花禁止令とウミホタル採取
■ 花作り禁止令
戦争末期、本土決戦にそなえて7万人の軍隊が配備された房総半島南部では、花作りが禁止された。苗は引き抜かれ、サツマイモ畑や麦畑に変えられた。青年団による監視が敷かれ、花の球根や種子は焼却された。花農家は「非国民」といわれる時代、花を愛する農民たちは「花は心の食べ物」として、人里離れた山奥に種苗をそっと隠した。ささやか な抵抗であったが、そのおかげで戦後すぐに花作りが再開された。

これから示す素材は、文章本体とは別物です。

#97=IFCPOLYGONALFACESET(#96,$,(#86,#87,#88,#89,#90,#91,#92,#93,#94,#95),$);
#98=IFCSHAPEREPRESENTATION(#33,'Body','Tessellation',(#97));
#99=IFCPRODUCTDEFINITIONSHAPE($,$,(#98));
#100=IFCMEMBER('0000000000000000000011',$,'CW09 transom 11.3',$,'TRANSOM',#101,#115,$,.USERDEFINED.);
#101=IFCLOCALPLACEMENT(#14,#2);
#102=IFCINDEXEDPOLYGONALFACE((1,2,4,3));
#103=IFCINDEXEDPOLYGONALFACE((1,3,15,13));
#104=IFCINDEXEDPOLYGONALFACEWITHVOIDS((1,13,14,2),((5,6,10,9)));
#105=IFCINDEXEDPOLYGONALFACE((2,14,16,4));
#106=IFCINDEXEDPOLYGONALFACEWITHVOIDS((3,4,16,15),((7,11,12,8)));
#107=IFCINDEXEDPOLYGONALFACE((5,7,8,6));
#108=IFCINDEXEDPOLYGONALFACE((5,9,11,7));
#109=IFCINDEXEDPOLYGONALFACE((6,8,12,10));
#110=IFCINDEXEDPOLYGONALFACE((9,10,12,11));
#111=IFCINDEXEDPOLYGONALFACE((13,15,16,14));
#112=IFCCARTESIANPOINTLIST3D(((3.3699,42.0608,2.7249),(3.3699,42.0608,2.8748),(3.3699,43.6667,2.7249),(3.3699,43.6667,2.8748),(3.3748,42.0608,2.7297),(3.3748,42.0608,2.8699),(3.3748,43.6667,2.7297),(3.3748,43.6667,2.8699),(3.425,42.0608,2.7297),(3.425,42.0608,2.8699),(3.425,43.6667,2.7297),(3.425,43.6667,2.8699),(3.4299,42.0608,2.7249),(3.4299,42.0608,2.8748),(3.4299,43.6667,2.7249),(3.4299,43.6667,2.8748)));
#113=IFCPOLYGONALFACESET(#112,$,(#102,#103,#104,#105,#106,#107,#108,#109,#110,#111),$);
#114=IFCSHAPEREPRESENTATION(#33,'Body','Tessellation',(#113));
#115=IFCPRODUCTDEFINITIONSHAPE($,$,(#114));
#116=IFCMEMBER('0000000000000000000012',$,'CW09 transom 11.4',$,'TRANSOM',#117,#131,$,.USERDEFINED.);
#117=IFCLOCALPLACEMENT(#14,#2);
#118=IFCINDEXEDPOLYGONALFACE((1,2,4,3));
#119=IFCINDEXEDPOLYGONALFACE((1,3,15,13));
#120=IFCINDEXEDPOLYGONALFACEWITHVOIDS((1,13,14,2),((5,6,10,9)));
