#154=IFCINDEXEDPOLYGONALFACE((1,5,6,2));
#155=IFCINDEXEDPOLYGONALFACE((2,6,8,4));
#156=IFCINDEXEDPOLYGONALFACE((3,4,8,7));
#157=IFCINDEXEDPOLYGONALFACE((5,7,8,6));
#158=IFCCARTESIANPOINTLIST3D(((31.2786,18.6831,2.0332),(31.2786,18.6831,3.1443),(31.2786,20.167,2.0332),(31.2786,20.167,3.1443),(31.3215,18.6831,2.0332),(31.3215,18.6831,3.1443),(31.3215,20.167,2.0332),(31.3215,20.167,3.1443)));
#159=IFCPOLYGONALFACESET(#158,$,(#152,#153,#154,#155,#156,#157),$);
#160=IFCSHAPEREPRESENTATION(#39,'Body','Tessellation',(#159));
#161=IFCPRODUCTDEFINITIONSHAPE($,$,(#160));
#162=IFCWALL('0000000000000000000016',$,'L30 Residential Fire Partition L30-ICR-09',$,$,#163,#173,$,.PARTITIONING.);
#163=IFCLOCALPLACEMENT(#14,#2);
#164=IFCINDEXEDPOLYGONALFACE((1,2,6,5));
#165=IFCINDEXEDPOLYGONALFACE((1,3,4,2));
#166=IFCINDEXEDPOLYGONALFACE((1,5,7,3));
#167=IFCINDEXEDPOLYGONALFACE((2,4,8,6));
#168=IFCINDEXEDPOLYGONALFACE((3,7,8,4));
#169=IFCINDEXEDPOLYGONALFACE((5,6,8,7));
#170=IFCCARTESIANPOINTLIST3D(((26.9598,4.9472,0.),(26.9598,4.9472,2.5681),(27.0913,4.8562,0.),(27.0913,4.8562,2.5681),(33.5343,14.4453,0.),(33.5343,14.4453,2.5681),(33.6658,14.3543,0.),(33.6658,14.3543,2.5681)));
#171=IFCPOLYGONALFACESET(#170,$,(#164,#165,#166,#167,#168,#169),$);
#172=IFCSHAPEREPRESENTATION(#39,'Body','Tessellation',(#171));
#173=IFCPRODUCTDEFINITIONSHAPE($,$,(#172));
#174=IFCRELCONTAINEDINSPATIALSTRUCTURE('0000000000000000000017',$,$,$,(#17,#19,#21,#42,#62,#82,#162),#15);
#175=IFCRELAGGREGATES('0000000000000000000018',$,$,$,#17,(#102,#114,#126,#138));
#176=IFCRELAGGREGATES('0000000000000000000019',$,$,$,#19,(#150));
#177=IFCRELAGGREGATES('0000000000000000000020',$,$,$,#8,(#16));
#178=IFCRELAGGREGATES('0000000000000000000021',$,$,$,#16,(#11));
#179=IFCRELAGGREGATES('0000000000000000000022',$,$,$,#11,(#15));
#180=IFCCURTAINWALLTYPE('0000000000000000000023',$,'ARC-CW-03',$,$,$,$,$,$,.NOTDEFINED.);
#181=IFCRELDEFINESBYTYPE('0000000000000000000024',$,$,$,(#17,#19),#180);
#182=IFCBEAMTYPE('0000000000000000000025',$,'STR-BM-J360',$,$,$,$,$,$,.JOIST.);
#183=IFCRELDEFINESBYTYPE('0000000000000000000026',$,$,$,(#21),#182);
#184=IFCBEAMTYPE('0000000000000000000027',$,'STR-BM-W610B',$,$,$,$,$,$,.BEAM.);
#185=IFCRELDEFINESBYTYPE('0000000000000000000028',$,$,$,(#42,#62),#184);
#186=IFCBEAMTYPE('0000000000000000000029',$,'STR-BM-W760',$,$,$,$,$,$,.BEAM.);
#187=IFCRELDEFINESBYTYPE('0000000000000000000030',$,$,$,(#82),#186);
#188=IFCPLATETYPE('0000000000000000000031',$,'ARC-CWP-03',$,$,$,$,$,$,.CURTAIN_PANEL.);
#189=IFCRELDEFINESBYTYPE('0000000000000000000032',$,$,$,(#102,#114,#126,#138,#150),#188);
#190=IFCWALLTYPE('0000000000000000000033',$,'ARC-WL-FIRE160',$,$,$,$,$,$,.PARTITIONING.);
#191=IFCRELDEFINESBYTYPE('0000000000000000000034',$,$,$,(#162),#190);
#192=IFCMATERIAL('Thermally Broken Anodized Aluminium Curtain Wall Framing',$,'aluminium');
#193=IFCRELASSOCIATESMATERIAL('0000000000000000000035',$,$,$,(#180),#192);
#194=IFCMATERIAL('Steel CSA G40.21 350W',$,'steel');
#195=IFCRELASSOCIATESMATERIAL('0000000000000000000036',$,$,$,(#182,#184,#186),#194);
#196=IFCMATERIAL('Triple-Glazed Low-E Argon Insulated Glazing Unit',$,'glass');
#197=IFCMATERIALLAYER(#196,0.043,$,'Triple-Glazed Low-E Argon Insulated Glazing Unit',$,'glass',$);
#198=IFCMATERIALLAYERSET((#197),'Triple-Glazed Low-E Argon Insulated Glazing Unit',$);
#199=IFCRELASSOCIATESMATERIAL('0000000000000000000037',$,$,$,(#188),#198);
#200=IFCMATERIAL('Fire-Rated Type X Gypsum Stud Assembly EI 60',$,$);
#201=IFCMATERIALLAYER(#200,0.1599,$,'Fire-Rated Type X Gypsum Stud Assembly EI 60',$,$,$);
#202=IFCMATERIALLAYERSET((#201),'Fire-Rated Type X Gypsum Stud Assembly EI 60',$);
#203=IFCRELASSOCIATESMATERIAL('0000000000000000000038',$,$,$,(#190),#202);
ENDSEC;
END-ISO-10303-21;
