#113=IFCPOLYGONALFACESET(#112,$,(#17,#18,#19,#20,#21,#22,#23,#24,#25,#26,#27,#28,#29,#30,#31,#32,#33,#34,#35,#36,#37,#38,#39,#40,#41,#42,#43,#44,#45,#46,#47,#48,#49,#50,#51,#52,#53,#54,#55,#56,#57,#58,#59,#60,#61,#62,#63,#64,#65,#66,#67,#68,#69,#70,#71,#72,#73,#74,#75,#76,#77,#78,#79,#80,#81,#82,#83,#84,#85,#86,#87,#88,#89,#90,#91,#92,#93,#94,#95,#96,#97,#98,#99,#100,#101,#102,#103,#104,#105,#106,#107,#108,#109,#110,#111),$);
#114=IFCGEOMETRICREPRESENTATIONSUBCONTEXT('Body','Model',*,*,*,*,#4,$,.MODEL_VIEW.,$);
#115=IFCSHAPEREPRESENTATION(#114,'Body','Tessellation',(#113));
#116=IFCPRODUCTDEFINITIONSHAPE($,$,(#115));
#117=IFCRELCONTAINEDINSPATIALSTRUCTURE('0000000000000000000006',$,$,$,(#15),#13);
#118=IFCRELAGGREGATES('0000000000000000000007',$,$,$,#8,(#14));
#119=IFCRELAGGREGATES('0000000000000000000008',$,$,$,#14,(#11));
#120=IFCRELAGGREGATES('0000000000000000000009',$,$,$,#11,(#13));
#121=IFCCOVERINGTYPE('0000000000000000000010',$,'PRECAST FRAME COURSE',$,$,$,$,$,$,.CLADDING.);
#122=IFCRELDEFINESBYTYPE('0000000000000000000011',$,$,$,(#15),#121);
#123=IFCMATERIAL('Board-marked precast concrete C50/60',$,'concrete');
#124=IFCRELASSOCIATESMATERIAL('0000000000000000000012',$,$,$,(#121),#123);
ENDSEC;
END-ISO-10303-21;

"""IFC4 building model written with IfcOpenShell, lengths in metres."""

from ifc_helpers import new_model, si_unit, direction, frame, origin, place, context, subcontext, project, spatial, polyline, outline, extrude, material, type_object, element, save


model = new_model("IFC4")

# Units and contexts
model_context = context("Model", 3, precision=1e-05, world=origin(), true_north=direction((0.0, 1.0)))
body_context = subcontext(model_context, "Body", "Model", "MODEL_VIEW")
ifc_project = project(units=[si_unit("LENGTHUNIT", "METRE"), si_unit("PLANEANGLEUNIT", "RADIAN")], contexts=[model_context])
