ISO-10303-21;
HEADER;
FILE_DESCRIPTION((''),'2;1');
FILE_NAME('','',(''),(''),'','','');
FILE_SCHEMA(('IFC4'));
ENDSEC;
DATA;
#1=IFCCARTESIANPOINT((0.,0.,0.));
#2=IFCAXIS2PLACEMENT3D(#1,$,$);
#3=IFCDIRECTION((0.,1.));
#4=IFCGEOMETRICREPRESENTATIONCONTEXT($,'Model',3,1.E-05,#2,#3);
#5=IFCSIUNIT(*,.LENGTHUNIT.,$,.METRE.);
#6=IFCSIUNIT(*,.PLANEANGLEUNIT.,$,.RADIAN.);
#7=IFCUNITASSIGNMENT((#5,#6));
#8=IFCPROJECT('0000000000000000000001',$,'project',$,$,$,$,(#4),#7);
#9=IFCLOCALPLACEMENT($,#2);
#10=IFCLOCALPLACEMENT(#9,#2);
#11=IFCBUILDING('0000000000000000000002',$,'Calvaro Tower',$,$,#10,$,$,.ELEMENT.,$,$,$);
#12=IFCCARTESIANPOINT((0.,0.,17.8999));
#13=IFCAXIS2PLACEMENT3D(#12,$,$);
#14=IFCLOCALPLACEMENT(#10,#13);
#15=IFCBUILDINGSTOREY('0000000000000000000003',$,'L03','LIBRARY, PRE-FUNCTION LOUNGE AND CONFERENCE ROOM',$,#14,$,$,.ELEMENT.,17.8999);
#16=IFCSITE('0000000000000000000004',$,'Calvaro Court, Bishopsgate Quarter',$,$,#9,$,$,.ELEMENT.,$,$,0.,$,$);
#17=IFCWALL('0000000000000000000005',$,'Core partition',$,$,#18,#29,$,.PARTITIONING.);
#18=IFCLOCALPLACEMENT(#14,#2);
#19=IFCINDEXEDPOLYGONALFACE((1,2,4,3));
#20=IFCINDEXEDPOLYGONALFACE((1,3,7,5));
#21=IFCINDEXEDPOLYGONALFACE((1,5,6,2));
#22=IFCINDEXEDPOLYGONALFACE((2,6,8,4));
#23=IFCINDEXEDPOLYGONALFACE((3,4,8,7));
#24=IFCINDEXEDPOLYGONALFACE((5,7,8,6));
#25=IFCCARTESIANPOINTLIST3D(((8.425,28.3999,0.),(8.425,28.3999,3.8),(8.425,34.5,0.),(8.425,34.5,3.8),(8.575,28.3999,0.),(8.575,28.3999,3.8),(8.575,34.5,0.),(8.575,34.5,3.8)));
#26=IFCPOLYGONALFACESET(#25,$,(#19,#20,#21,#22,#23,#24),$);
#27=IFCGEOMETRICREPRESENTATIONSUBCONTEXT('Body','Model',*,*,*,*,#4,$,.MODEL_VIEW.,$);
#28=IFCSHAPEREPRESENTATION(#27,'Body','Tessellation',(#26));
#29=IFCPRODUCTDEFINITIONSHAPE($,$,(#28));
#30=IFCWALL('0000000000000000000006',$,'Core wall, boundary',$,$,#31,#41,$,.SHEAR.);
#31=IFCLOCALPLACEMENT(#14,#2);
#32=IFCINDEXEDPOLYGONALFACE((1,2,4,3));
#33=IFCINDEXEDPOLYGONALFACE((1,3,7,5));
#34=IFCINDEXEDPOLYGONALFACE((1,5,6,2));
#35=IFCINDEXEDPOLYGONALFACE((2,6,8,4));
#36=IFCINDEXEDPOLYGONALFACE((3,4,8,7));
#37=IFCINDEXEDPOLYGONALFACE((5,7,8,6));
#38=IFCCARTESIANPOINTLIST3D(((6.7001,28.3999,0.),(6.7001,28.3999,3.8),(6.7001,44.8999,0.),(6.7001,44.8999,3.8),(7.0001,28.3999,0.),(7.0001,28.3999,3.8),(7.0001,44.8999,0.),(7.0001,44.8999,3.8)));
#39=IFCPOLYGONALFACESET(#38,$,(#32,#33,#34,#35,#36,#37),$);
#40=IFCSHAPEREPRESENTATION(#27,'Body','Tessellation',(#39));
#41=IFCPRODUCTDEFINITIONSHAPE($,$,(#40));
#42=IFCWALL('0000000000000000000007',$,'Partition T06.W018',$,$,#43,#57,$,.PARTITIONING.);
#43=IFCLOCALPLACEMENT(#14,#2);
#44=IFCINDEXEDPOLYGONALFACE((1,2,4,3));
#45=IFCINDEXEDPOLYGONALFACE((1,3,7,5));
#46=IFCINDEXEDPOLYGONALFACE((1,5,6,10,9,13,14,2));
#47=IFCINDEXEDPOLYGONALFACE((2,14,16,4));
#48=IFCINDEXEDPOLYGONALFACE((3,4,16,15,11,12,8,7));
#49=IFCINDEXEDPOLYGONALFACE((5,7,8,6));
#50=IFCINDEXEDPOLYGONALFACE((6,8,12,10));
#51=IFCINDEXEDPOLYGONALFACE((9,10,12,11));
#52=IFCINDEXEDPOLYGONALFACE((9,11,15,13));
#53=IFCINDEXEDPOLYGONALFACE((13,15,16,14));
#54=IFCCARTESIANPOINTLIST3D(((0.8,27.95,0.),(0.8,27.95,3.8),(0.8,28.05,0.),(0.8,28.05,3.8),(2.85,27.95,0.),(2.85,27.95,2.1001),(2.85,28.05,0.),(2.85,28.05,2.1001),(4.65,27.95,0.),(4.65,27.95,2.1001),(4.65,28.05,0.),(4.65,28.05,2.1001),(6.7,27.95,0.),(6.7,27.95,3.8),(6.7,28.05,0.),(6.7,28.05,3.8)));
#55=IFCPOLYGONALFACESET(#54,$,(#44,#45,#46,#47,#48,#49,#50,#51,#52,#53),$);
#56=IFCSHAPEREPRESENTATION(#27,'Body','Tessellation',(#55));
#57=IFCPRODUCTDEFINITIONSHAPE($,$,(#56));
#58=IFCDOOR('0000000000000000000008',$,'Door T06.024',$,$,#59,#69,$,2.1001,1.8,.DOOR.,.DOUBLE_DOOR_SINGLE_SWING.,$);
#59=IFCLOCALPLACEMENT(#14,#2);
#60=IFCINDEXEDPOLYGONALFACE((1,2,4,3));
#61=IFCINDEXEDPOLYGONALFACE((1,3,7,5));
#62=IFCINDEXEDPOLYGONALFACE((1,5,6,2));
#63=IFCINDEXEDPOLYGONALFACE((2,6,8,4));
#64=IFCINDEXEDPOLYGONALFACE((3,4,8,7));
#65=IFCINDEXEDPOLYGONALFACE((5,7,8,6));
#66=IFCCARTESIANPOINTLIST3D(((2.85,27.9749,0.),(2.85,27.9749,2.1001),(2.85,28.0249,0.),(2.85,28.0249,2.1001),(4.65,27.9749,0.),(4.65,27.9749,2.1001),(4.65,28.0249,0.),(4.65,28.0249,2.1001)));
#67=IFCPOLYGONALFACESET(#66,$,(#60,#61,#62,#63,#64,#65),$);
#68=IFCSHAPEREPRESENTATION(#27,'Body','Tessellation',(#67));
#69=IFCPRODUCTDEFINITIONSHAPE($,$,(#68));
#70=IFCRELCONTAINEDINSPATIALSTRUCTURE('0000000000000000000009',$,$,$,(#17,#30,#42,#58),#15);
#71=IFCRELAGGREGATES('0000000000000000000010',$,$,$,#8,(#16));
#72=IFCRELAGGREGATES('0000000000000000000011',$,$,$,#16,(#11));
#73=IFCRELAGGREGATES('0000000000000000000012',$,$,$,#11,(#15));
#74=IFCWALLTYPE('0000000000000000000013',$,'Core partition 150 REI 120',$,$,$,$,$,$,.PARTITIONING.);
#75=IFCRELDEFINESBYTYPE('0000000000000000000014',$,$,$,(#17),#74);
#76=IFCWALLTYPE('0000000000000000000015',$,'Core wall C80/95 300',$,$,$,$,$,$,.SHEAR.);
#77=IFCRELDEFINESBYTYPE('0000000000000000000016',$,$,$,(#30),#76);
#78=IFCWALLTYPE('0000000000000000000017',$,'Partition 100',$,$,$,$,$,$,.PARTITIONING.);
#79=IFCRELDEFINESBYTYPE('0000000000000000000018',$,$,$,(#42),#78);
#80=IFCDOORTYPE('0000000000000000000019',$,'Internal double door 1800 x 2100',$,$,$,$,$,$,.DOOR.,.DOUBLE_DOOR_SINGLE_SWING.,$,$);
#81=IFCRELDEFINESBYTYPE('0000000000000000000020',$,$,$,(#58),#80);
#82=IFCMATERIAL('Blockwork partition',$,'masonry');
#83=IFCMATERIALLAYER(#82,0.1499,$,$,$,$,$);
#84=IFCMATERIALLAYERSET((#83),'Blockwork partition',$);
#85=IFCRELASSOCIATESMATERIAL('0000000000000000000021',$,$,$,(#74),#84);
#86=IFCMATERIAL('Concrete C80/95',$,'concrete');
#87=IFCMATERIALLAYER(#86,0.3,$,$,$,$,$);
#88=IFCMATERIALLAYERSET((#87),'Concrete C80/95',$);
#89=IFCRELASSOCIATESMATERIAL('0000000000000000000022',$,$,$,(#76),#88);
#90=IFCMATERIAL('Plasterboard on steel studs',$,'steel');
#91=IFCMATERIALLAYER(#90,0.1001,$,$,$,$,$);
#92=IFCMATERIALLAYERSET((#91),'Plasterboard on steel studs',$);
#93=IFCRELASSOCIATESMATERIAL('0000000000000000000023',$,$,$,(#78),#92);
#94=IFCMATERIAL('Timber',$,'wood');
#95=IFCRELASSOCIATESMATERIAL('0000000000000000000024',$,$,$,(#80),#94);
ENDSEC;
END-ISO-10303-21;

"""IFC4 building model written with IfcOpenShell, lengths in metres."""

from ifc_helpers import new_model, si_unit, direction, frame, frame_2d, origin, place, context, subcontext, project, spatial, rectangle, extrude, material, layer, layer_set, type_object, element, fill, save


model = new_model("IFC4")

# Units and contexts
model_context = context("Model", 3, precision=1e-05, world=origin(), true_north=direction((0.0, 1.0)))
body_context = subcontext(model_context, "Body", "Model", "MODEL_VIEW")
ifc_project = project(units=[si_unit("LENGTHUNIT", "METRE"), si_unit("PLANEANGLEUNIT", "RADIAN")], contexts=[model_context])

# Site, building, storey
site_placement = place(None, origin())
site = spatial("IfcSite", under=ifc_project, at=site_placement, Name="Calvaro Court, Bishopsgate Quarter", CompositionType="ELEMENT", RefElevation=0.0)
building_placement = place(site_placement, origin())
building = spatial("IfcBuilding", under=site, at=building_placement, Name="Calvaro Tower", CompositionType="ELEMENT")
storey_placement = place(building_placement, frame((0.0, 0.0, 17.8999)))
storey = spatial("IfcBuildingStorey", under=building, at=storey_placement, Name="L03", Description="LIBRARY, PRE-FUNCTION LOUNGE AND CONFERENCE ROOM", CompositionType="ELEMENT", Elevation=17.8999)

# Walls
ifc_material_1 = material(Name="Blockwork partition", Category="masonry")
ifc_layer_1 = layer(ifc_material_1, 0.1499)
ifc_layer_set_1 = layer_set([ifc_layer_1], Name="Blockwork partition")
wall_type_1 = type_object("IfcWallType", Name="Core partition 150 REI 120", PredefinedType="PARTITIONING", material=ifc_layer_set_1)
wall_1_placement = place(storey_placement, frame((8.5, 28.3999, 0.0), z_axis=(0.0, 0.0, 1.0), x_axis=(0.0, 1.0, 0.0)))
element("IfcWall", 1, at=wall_1_placement, inside=storey, type_object=wall_type_1, Name="Core partition", PredefinedType="PARTITIONING", context=body_context, shape_type="SweptSolid", body=[
    extrude(rectangle(XDim=6.1001, YDim=0.1499, at=frame_2d((3.05, 0.0))), origin(), (0.0, 0.0, 1.0), 3.8),
])
ifc_material_2 = material(Name="Concrete C80/95", Category="concrete")
ifc_layer_2 = layer(ifc_material_2, 0.3)
ifc_layer_set_2 = layer_set([ifc_layer_2], Name="Concrete C80/95")
wall_type_2 = type_object("IfcWallType", Name="Core wall C80/95 300", PredefinedType="SHEAR", material=ifc_layer_set_2)
wall_2_placement = place(storey_placement, frame((6.8501, 28.3999, 0.0), z_axis=(0.0, 0.0, 1.0), x_axis=(0.0, 1.0, 0.0)))
element("IfcWall", 2, at=wall_2_placement, inside=storey, type_object=wall_type_2, Name="Core wall, boundary", PredefinedType="SHEAR", context=body_context, shape_type="SweptSolid", body=[
    extrude(rectangle(XDim=16.5, YDim=0.3, at=frame_2d((8.25, 0.0))), origin(), (0.0, 0.0, 1.0), 3.8),
])

# Wall, opening, door
ifc_material_3 = material(Name="Plasterboard on steel studs", Category="steel")
ifc_layer_3 = layer(ifc_material_3, 0.1001)
ifc_layer_set_3 = layer_set([ifc_layer_3], Name="Plasterboard on steel studs")
wall_type_3 = type_object("IfcWallType", Name="Partition 100", PredefinedType="PARTITIONING", material=ifc_layer_set_3)
wall_3_placement = place(storey_placement, frame((0.8, 28.0, 0.0), z_axis=(0.0, 0.0, 1.0), x_axis=(1.0, 0.0, 0.0)))
wall_3 = element("IfcWall", 3, at=wall_3_placement, inside=storey, type_object=wall_type_3, Name="Partition T06.W018", PredefinedType="PARTITIONING", context=body_context, shape_type="SweptSolid", body=[
    extrude(rectangle(XDim=5.8999, YDim=0.1001, at=frame_2d((2.95, 0.0))), origin(), (0.0, 0.0, 1.0), 3.8),
])
opening_1_placement = place(wall_3_placement, frame((2.05, 0.0, 0.0)))
opening_1 = element("IfcOpeningElement", 4, at=opening_1_placement, cuts=wall_3, PredefinedType="OPENING", context=body_context, shape_type="SweptSolid", body=[
    extrude(rectangle(XDim=1.8, YDim=2.1001, at=frame_2d((0.8999, 1.05))), frame((0.0, 0.0601, 0.0), z_axis=(0.0, -1.0, 0.0), x_axis=(1.0, 0.0, 0.0)), (0.0, 0.0, 1.0), 0.1201),
])
ifc_material_4 = material(Name="Timber", Category="wood")
door_type_1 = type_object("IfcDoorType", Name="Internal double door 1800 x 2100", OperationType="DOUBLE_DOOR_SINGLE_SWING", PredefinedType="DOOR", material=ifc_material_4)
door_1_placement = place(opening_1_placement, origin())
door_1 = element("IfcDoor", 5, at=door_1_placement, inside=storey, type_object=door_type_1, Name="Door T06.024", OperationType="DOUBLE_DOOR_SINGLE_SWING", OverallHeight=2.1001, OverallWidth=1.8, PredefinedType="DOOR", context=body_context, shape_type="SweptSolid", body=[
    extrude(rectangle(XDim=1.8, YDim=2.1001, at=frame_2d((0.8999, 1.05))), frame((0.0, 0.0249, 0.0), z_axis=(0.0, -1.0, 0.0), x_axis=(1.0, 0.0, 0.0)), (0.0, 0.0, 1.0), 0.05),
])
fill(opening_1, door_1)

save(model, "model.ifc")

この実話をもとに田宮虎彦が小説『花』を著し、『花物語』として映画化(高橋恵子主演)されている。1991(平成3)年には、郷土の音楽物語『花とふるさと』がつくられ、千葉県内を中心に歌い継がれている。
■ ウミホタルの軍事利用
館山は世界的にも有名なウミホタルの生息地である。旧制安房中学校の勤労動員作業日誌には、生徒たちのウミホタル採集という記録がある。コスモブルーの美しい輝きを放つウミホタルは、発光源となる酵素の液体を放出する。軍は、体細胞中に発光物質を有するウミホタルを乾燥して粉末化し、それに水や唾液などをつけて再発光させる研究開発をしていた。それは夜間のゲリラ戦に備えて敵味方を判別する夜光塗料や、懐中電灯代用の携帯用照明にするため、さらには特攻機が夜間敵艦船に体当たりするための「ウミホタル照明弾」として研究開発をすすめていたといわれる。
2004(平成16)年5月、この実話をもとに、大門高子作詞、藤村記一郎作曲による合唱組曲『ウミホタル〜コスモブルーは平和の色』が誕生した。